Persistent transport-agnostic session (§10) — the load-bearing decision.
Self-host STT on Modal + scheduler + KV-cache compression — cost at scale.
Batch transcription path — offline analytics, separate system.
Say out loud
"Modalities are complementary signals to fuse, not transcripts to dedup — late fusion, structured tags, a schema built around each channel's unique signal."
"Co-sequencing is a stream-join on event-time; audio ~80ms vs vision ~200ms → calibrate per-stream latency, size the reorder window to the slowest modality. Correctness is bounded by your slowest channel."
"Context accumulates durably in the session store; the sequencer window is a sliding buffer that drains, not memory; the KV-cache is a derived working copy. Each boundary is a lossy compression I design — full-fidelity log for audit vs. compacted prompt for the model."
"Mouth-to-mouth is a pipelined waterfall, not a sum; the dominant cost is endpointing, not the models."

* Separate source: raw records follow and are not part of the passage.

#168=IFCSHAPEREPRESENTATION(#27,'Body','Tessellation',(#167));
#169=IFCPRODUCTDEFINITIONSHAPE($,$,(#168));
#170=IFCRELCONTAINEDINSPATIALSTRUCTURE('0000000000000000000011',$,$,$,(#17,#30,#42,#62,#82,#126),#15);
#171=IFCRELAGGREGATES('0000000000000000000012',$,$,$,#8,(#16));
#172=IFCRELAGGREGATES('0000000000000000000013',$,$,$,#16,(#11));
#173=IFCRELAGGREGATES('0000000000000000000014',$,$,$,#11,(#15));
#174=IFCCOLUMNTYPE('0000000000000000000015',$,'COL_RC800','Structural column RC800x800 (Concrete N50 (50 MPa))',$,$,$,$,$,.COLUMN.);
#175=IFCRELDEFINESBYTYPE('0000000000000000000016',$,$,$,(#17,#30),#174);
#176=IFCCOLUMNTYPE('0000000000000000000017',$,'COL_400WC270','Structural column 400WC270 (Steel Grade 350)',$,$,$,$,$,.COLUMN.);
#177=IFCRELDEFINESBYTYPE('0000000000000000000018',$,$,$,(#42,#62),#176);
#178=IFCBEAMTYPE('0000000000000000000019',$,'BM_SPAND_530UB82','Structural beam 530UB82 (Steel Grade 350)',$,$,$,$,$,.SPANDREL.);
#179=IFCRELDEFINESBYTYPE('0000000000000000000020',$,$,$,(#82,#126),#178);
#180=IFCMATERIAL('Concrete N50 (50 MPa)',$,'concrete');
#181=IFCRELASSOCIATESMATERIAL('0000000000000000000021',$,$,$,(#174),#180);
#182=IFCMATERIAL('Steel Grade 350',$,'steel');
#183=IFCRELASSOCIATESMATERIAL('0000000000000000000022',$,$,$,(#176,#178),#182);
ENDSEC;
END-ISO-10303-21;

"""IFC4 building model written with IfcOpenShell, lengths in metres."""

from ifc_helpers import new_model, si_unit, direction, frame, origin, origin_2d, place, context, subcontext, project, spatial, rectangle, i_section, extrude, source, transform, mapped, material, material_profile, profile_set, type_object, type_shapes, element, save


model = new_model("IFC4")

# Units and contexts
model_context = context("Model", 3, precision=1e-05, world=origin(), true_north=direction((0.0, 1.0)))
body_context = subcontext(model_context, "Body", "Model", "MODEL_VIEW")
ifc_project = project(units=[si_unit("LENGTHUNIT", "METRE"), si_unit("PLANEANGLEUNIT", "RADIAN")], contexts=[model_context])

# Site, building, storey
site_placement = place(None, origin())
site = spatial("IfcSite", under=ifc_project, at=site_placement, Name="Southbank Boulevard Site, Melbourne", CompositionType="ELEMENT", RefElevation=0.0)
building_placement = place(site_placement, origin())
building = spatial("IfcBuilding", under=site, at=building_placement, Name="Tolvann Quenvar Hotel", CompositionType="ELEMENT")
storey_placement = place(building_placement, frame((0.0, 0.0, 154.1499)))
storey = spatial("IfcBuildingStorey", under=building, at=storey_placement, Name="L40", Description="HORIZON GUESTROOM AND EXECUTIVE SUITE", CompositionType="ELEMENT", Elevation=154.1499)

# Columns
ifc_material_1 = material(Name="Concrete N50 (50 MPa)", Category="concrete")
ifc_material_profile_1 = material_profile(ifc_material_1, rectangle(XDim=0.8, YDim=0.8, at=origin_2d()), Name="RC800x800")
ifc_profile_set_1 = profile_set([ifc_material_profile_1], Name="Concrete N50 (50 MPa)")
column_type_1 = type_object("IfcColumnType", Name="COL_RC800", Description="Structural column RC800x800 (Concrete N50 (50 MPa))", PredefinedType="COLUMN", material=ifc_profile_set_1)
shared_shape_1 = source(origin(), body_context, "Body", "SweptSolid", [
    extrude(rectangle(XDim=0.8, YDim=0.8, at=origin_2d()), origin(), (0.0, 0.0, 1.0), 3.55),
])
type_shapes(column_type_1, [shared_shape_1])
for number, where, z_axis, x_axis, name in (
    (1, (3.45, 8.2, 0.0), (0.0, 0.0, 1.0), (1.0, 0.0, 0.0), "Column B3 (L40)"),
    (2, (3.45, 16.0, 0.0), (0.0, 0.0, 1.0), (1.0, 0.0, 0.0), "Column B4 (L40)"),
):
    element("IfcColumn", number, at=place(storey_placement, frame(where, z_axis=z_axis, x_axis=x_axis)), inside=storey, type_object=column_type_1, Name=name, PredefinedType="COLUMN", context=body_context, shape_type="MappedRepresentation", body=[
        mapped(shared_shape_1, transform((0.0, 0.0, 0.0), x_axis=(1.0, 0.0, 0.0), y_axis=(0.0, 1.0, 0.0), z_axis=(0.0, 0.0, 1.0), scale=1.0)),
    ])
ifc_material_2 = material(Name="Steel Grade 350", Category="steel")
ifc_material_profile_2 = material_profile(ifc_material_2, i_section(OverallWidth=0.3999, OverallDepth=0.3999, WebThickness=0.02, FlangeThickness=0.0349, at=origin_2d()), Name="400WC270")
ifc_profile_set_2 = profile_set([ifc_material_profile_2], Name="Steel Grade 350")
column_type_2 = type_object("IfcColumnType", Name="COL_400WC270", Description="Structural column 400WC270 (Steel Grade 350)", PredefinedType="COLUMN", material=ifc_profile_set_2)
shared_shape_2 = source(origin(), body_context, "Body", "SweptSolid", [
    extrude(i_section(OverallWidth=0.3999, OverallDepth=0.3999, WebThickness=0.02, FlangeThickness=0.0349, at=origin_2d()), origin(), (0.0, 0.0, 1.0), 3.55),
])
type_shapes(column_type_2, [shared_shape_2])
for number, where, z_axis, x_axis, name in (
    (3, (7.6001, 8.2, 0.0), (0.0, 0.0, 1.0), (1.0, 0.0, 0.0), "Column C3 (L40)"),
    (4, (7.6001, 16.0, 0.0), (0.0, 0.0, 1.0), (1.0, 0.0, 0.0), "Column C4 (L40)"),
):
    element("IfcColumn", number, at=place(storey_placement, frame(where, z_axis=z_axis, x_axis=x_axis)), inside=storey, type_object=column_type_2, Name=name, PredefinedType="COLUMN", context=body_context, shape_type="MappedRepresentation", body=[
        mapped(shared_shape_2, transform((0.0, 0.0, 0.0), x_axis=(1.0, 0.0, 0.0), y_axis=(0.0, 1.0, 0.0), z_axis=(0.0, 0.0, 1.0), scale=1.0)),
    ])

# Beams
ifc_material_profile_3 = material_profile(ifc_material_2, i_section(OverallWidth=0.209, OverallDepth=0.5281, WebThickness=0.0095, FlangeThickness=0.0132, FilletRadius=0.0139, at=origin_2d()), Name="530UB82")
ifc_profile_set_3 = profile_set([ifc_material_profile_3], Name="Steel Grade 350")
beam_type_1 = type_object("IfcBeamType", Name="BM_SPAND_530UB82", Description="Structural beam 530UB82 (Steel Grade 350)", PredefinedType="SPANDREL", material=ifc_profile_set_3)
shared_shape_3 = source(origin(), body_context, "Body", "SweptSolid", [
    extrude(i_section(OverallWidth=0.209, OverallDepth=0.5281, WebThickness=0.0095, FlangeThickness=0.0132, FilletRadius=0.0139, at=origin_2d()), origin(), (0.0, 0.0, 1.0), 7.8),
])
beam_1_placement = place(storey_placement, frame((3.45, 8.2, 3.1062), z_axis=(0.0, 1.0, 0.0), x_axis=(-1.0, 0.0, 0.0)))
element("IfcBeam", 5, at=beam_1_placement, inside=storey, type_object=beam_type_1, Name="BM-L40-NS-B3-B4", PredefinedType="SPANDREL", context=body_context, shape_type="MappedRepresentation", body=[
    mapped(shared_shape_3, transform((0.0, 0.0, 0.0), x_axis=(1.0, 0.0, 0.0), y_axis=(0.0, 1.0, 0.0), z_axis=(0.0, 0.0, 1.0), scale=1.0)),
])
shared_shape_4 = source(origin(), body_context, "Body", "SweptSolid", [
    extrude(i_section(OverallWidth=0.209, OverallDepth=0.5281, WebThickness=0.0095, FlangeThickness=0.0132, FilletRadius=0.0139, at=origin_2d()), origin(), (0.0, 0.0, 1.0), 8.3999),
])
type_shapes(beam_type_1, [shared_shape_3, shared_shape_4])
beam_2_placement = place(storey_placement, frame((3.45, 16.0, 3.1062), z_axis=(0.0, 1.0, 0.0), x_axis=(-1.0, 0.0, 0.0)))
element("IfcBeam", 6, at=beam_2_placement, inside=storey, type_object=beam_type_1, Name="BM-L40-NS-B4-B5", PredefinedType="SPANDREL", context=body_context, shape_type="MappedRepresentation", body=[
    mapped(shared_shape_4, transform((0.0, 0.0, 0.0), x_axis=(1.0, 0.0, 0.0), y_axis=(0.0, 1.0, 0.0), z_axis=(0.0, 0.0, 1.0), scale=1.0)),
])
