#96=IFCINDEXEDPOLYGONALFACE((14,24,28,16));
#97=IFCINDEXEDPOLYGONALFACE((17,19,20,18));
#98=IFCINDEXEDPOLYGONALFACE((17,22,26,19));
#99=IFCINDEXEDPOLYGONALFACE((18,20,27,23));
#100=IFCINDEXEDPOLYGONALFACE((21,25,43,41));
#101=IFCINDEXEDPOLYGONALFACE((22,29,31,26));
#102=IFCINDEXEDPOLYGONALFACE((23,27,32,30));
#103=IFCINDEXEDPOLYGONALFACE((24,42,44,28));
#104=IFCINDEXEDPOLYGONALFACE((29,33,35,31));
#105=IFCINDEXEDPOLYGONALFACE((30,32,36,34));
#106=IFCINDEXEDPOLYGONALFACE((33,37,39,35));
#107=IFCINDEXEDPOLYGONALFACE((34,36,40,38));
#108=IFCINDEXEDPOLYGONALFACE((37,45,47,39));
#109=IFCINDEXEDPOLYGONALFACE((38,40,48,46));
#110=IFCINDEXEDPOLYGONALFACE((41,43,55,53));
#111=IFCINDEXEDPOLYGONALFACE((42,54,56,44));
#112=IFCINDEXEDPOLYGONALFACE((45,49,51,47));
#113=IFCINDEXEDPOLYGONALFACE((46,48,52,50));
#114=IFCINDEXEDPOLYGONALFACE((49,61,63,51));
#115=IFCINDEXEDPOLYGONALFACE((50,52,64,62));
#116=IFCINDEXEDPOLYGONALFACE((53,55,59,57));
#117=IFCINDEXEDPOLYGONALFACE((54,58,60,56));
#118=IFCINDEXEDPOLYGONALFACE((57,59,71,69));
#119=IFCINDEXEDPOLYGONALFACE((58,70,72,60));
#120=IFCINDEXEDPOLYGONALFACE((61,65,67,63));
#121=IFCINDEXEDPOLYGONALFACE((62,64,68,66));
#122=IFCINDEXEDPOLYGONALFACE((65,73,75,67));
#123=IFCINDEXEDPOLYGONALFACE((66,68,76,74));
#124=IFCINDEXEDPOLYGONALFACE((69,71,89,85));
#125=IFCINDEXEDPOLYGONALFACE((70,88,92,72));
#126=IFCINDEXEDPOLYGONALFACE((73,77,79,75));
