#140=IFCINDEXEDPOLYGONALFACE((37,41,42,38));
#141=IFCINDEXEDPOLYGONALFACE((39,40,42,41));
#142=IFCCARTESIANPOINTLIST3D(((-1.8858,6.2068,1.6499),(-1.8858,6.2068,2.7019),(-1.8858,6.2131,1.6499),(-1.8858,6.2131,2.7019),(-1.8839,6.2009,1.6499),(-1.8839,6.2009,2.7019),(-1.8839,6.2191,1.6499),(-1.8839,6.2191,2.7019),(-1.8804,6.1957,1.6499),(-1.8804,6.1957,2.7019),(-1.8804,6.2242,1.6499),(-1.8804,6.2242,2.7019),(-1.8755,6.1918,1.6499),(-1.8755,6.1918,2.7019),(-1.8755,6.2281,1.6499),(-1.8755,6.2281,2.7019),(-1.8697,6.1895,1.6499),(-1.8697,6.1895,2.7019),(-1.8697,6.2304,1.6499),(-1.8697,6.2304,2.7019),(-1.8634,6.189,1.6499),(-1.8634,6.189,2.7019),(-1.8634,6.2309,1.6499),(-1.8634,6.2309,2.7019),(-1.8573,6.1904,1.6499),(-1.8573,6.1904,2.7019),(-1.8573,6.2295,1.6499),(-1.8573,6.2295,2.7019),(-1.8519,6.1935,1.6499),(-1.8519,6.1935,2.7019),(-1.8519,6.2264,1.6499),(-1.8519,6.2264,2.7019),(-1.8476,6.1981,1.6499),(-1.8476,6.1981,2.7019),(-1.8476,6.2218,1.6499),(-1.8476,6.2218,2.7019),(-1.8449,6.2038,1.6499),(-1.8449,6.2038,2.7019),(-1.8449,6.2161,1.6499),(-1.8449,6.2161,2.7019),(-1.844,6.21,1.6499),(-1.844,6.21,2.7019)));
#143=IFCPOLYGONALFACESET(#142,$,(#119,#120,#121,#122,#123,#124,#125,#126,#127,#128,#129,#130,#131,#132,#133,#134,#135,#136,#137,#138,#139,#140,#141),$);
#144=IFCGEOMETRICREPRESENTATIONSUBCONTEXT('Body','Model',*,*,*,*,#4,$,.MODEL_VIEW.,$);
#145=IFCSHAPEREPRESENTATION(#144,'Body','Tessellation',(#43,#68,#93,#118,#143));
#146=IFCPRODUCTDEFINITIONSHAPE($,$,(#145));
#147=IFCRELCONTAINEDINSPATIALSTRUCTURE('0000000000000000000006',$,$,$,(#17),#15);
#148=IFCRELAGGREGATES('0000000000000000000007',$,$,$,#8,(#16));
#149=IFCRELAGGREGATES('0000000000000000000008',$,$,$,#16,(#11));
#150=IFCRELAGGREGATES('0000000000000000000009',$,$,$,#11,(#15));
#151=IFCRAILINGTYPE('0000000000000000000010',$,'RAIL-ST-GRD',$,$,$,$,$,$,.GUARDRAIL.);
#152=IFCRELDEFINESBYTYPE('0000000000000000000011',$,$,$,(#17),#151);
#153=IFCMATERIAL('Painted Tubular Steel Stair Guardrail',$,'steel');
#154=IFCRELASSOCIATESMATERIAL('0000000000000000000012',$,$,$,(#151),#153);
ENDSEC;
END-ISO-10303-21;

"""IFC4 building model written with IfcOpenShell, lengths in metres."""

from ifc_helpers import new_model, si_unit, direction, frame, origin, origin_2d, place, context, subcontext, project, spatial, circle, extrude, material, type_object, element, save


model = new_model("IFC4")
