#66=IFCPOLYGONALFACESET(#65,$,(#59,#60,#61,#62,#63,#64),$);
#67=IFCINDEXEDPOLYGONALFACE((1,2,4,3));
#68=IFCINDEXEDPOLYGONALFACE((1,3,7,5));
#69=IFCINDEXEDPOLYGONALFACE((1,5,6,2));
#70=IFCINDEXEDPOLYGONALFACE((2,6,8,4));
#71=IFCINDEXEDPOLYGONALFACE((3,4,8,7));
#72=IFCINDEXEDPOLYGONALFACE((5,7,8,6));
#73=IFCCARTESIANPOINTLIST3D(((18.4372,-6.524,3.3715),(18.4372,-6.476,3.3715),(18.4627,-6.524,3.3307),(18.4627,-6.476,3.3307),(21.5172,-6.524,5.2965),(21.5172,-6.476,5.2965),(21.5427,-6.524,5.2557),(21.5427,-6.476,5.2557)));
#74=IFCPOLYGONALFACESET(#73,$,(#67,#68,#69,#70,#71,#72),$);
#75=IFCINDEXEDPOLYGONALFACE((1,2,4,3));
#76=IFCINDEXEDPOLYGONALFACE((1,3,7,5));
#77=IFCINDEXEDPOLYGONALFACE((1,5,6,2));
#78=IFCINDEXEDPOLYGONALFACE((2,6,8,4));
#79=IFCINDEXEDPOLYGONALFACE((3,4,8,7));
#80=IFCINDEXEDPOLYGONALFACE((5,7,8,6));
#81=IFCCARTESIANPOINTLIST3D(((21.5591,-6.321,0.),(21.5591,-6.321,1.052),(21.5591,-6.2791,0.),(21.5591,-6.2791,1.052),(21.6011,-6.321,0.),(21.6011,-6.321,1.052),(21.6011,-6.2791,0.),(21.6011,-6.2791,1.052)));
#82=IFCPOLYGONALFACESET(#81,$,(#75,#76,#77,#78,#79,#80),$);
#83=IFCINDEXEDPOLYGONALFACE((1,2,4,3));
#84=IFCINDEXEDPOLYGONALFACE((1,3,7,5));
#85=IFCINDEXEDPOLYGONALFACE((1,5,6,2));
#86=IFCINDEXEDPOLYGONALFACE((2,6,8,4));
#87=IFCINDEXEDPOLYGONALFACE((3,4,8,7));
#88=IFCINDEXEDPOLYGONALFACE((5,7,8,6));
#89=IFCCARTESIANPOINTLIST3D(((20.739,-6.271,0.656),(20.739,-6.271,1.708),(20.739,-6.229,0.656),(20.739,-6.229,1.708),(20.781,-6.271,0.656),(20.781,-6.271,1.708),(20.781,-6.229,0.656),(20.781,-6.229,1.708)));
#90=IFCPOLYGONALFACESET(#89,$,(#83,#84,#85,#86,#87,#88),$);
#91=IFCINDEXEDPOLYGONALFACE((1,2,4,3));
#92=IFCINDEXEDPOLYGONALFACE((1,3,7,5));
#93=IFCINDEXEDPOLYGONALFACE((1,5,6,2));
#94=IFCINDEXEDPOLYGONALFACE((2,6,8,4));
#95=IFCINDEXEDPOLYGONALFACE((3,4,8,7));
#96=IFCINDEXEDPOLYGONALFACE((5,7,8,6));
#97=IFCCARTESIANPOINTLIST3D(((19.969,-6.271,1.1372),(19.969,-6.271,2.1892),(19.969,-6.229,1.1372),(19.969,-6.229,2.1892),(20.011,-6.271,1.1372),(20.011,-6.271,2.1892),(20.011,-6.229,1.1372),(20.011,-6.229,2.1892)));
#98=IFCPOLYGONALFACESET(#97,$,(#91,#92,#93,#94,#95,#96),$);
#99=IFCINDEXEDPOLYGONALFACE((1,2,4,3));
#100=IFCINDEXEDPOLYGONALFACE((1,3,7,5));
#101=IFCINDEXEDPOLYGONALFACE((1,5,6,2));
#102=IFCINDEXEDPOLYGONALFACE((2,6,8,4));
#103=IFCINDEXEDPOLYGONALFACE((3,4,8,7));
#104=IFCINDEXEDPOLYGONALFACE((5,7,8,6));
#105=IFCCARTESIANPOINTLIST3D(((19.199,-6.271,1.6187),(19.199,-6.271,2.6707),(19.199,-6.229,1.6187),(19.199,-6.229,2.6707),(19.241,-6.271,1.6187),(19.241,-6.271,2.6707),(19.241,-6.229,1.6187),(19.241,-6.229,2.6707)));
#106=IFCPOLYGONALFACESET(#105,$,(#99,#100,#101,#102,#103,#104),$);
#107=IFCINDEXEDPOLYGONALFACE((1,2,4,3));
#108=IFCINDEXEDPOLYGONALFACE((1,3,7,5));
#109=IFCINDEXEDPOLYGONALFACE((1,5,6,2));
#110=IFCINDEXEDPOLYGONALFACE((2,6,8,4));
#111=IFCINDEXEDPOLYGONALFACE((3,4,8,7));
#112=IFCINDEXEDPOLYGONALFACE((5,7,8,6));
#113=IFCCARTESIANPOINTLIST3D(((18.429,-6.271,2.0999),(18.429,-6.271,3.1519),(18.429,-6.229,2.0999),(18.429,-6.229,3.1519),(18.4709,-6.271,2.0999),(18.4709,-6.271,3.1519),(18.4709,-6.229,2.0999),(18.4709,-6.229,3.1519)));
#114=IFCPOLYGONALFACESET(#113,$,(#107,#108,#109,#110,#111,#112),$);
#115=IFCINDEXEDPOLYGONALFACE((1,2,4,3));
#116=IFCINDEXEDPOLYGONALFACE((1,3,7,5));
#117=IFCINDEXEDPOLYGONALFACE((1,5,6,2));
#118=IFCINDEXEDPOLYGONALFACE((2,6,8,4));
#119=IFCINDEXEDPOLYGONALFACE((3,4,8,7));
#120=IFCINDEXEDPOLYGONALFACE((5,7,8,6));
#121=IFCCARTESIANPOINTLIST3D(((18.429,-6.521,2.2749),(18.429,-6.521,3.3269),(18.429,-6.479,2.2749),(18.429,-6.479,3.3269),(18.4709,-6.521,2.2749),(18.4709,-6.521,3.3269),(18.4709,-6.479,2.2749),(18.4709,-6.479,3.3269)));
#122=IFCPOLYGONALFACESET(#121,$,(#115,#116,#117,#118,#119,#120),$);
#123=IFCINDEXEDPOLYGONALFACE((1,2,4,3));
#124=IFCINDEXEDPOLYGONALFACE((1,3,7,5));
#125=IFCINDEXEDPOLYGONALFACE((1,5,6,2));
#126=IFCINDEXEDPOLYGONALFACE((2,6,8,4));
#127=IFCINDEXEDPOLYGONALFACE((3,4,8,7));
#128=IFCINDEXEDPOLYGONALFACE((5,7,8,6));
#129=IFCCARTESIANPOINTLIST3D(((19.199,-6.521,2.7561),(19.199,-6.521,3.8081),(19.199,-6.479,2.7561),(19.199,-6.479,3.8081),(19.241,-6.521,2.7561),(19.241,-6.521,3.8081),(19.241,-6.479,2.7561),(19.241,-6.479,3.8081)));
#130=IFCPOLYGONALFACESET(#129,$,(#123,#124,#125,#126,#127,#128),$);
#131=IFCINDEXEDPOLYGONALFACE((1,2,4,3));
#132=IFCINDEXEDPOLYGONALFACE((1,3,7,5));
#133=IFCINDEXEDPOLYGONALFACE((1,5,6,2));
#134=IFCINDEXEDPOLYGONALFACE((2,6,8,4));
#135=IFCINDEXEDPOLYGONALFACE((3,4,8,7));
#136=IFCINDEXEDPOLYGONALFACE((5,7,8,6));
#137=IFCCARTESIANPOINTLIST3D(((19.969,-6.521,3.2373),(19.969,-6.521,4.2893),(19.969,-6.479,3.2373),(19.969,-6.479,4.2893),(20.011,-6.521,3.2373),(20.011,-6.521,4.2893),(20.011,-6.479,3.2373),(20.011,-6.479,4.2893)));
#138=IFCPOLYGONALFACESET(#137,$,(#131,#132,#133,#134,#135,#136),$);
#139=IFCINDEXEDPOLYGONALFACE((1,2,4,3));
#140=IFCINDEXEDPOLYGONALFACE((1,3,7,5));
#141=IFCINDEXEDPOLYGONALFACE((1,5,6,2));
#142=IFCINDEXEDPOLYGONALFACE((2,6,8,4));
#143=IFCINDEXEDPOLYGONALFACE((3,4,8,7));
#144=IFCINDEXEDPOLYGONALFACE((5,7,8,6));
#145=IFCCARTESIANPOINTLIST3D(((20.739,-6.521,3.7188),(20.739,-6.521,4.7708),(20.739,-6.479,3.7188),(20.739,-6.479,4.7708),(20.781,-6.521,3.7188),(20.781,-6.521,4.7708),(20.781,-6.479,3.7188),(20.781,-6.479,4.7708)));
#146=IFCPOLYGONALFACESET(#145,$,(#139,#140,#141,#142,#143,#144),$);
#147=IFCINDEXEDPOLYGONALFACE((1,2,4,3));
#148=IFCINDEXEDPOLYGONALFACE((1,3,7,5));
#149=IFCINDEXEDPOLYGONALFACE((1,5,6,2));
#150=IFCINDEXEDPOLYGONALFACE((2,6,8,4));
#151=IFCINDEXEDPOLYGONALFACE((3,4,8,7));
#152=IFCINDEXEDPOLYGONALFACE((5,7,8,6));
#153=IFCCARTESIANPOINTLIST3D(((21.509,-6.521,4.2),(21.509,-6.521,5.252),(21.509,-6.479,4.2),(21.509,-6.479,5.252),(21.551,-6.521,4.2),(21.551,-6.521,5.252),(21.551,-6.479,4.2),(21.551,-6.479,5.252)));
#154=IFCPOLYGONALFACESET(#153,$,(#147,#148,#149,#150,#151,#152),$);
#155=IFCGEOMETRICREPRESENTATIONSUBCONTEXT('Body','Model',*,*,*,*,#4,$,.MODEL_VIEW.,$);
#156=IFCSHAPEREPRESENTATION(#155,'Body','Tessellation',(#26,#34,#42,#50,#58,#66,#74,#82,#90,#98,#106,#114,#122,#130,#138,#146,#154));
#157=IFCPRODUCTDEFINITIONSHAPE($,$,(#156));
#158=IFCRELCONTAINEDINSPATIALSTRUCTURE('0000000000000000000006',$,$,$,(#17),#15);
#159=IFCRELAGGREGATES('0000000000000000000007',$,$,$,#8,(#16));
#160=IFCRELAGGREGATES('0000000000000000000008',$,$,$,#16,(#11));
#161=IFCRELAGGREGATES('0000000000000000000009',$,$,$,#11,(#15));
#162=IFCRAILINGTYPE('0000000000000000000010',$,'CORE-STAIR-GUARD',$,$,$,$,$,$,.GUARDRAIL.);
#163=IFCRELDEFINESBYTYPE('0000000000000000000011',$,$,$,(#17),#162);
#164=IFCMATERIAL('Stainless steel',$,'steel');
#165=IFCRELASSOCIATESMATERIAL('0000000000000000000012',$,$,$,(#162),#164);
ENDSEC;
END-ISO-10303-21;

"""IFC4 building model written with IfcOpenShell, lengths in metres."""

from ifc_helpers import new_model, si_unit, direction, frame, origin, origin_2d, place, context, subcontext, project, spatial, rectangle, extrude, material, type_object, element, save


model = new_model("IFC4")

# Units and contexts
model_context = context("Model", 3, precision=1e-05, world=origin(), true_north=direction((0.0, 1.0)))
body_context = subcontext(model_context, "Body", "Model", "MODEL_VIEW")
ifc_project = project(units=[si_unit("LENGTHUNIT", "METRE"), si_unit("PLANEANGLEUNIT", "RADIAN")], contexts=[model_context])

"A voice session pins a GPU slot; the whole thing is a resource scheduler admitting by KV-cache budget, not request count."
"Latency you can't remove, you mask with a backchannel; dead air is the real failure."
"Full-duplex is the long-term substrate. It dissolves the turn-taking module into the model and re-poses timing as a sequence-level reward — that's why it's RL, not more SFT. But it turns bursty demand into constant-bitrate (≈3× the slots), so you split a tiny always-on duplex controller from the on-demand generator."
Verify-before-quoting: KVarN ~7× numbers, exact RTFx/WER figures, and cost multipliers are as-captured from source material — confirm before citing live. The Modal ragbot details (~1s v2v, component list) are from the Modal blog + repo as of capture.